Understanding deductive validity

Question

I read the following:

An argument is deductively valid iff it is impossible for all of the premises to be true and the conclusion false.

Definitions like these strike me as describing what something CANNOT BE rather than telling me WHAT SOMETHING IS. Is it correct to understand that a definition structured like this is effectively "exempting" something explicit while "tolerating" anything else?

For example, based on my understanding of this definition, the following pairs are all "deductively valid":

1. (all false premises, false conclusion)
2. (some false premises, false conclusion)
3. (all false premises, true conclusion)
4. (some false premises, true conclusion)

The only pair that is NOT deductively valid is:

5. (all true premises, false conclusion)

Is that correct?

Answer 1

That's sort-of correct, but it's missing a key point: validity doesn't depend on what happens to be true or false at the time. In essence, validity needs to take into account all possibilities. So it would not be allowing some false premises, but allowing always false premises.
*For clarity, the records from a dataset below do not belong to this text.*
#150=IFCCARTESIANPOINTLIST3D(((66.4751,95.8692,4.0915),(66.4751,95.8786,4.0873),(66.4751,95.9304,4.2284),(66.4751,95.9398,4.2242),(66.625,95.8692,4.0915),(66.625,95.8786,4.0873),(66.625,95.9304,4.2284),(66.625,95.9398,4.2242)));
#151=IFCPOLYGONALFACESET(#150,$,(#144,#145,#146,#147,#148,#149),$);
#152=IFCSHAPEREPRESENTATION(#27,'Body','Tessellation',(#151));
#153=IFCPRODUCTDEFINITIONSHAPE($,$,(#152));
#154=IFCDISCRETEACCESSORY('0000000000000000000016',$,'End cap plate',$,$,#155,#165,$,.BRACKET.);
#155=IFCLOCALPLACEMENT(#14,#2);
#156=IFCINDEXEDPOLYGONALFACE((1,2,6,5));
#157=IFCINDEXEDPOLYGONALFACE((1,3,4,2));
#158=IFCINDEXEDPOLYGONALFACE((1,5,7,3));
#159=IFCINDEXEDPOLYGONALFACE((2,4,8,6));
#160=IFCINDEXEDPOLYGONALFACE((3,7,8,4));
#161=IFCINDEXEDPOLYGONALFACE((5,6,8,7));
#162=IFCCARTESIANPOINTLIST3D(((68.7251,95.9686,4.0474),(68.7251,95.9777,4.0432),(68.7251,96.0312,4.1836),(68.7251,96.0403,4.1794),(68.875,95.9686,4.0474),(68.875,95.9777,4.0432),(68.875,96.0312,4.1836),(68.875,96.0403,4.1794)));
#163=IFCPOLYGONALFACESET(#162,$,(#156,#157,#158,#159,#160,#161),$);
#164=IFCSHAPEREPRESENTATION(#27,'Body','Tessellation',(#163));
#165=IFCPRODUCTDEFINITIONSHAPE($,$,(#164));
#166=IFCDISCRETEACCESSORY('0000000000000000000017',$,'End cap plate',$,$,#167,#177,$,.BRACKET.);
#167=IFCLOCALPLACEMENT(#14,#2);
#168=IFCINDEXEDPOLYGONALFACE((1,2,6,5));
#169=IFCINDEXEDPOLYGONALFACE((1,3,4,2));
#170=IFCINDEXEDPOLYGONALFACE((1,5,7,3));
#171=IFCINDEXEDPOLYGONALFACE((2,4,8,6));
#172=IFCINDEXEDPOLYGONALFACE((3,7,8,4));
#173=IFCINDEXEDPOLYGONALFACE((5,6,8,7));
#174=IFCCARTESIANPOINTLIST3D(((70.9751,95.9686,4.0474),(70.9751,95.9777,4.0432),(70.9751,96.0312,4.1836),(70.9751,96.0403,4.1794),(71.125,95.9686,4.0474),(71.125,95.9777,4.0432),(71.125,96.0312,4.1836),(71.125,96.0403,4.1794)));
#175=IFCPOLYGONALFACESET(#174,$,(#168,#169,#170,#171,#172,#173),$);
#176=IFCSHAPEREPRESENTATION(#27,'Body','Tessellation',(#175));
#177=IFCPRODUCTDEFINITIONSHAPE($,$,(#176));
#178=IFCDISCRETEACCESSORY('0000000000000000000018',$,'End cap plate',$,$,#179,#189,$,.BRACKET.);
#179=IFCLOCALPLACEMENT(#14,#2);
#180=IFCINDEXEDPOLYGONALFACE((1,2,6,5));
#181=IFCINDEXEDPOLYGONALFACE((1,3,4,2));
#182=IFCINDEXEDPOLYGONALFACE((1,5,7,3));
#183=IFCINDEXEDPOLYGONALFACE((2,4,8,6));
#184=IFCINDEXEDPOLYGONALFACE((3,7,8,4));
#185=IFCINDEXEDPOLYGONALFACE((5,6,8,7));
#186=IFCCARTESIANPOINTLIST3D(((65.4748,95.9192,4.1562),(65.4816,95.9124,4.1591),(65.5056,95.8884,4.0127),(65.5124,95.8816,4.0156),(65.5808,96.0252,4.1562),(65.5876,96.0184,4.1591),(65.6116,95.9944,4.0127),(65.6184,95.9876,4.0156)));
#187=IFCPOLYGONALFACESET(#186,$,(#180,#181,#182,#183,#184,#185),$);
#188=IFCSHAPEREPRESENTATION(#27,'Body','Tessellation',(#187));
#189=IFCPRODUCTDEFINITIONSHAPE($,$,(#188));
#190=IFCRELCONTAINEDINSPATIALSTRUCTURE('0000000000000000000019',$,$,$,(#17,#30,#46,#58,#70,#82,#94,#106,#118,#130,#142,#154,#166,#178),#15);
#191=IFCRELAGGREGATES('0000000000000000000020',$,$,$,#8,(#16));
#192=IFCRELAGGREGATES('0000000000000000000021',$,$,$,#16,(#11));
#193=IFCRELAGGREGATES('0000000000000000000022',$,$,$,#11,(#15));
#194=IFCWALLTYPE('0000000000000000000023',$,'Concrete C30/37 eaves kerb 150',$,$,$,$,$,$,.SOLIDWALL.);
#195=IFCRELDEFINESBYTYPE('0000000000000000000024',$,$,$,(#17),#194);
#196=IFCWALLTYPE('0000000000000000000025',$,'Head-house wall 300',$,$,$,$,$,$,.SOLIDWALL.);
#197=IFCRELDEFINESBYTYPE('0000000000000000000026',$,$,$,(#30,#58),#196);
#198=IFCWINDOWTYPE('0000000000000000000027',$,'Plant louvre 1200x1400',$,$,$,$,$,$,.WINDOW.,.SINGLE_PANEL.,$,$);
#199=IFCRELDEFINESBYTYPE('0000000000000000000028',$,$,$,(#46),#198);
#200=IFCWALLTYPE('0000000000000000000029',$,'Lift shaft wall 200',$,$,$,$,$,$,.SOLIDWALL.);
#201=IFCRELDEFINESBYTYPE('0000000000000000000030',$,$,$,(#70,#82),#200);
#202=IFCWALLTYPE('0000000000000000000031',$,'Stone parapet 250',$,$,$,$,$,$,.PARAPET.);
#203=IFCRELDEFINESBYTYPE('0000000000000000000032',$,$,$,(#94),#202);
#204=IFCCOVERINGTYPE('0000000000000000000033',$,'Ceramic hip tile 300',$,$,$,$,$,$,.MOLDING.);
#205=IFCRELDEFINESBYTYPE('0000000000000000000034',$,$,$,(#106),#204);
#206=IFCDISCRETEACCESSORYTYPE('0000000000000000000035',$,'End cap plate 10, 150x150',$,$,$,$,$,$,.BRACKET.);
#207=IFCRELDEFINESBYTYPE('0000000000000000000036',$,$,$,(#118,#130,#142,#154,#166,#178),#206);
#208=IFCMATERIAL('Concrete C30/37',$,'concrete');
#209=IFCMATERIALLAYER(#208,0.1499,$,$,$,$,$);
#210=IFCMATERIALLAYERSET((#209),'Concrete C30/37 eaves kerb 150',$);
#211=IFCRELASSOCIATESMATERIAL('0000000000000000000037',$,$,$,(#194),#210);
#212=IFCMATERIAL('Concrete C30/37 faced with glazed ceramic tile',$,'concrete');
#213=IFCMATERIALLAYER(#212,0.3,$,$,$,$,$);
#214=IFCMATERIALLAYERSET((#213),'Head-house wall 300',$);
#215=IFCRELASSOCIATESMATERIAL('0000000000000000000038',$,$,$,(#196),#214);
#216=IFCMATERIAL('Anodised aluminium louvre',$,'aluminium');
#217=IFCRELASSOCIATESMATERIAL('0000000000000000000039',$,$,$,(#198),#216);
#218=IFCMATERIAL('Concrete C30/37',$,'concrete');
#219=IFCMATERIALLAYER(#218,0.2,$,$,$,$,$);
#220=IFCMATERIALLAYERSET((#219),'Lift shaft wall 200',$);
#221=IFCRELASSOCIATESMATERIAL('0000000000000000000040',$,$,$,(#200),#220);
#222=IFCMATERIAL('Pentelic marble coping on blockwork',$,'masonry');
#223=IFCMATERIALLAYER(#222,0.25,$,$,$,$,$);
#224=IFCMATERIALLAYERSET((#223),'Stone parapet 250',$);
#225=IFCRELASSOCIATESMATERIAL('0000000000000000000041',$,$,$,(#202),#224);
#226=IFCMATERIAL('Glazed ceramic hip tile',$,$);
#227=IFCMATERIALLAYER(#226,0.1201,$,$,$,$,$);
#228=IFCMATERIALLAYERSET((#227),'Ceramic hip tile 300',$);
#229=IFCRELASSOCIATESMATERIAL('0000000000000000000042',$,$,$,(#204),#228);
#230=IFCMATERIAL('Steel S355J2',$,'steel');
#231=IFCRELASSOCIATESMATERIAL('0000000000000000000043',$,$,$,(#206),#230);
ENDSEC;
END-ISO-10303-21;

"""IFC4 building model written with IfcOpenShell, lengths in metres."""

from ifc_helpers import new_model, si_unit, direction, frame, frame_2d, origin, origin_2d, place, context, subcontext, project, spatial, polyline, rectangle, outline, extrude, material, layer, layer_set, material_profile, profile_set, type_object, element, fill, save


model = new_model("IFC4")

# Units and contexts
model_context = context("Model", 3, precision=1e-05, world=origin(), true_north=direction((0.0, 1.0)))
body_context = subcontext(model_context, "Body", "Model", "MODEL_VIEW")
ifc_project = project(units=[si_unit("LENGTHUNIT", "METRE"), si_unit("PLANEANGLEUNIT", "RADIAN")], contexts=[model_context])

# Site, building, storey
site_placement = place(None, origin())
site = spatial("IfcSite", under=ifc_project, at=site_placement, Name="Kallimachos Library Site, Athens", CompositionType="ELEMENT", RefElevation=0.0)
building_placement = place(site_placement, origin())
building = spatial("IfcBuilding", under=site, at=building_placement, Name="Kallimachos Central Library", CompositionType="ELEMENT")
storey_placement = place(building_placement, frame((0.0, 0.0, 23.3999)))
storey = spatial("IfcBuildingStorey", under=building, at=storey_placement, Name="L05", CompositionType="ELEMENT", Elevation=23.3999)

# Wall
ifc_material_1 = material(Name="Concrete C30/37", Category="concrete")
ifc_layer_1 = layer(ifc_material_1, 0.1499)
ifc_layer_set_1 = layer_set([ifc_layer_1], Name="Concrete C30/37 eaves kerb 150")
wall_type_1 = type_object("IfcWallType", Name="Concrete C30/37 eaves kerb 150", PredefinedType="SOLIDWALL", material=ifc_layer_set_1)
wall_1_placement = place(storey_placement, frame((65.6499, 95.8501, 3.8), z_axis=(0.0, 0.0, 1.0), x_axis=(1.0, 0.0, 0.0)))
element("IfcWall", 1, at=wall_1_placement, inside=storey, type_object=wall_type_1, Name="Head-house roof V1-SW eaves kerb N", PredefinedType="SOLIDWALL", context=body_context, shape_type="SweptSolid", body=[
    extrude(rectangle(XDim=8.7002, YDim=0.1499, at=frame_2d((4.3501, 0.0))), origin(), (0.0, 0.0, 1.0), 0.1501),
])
Another way to state the definition would be that whenever the premises are true, the conclusion is true as well. For an analogy, consider the definition "a joke is funny iff it's impossible to hear the joke and not laugh". To evaluate whether a given joke is funny, we only care about what happens when the joke is told (whether people laugh). Similarly, to tell whether a conclusion logically follows from premises, we need to consider what happens when the premises are true.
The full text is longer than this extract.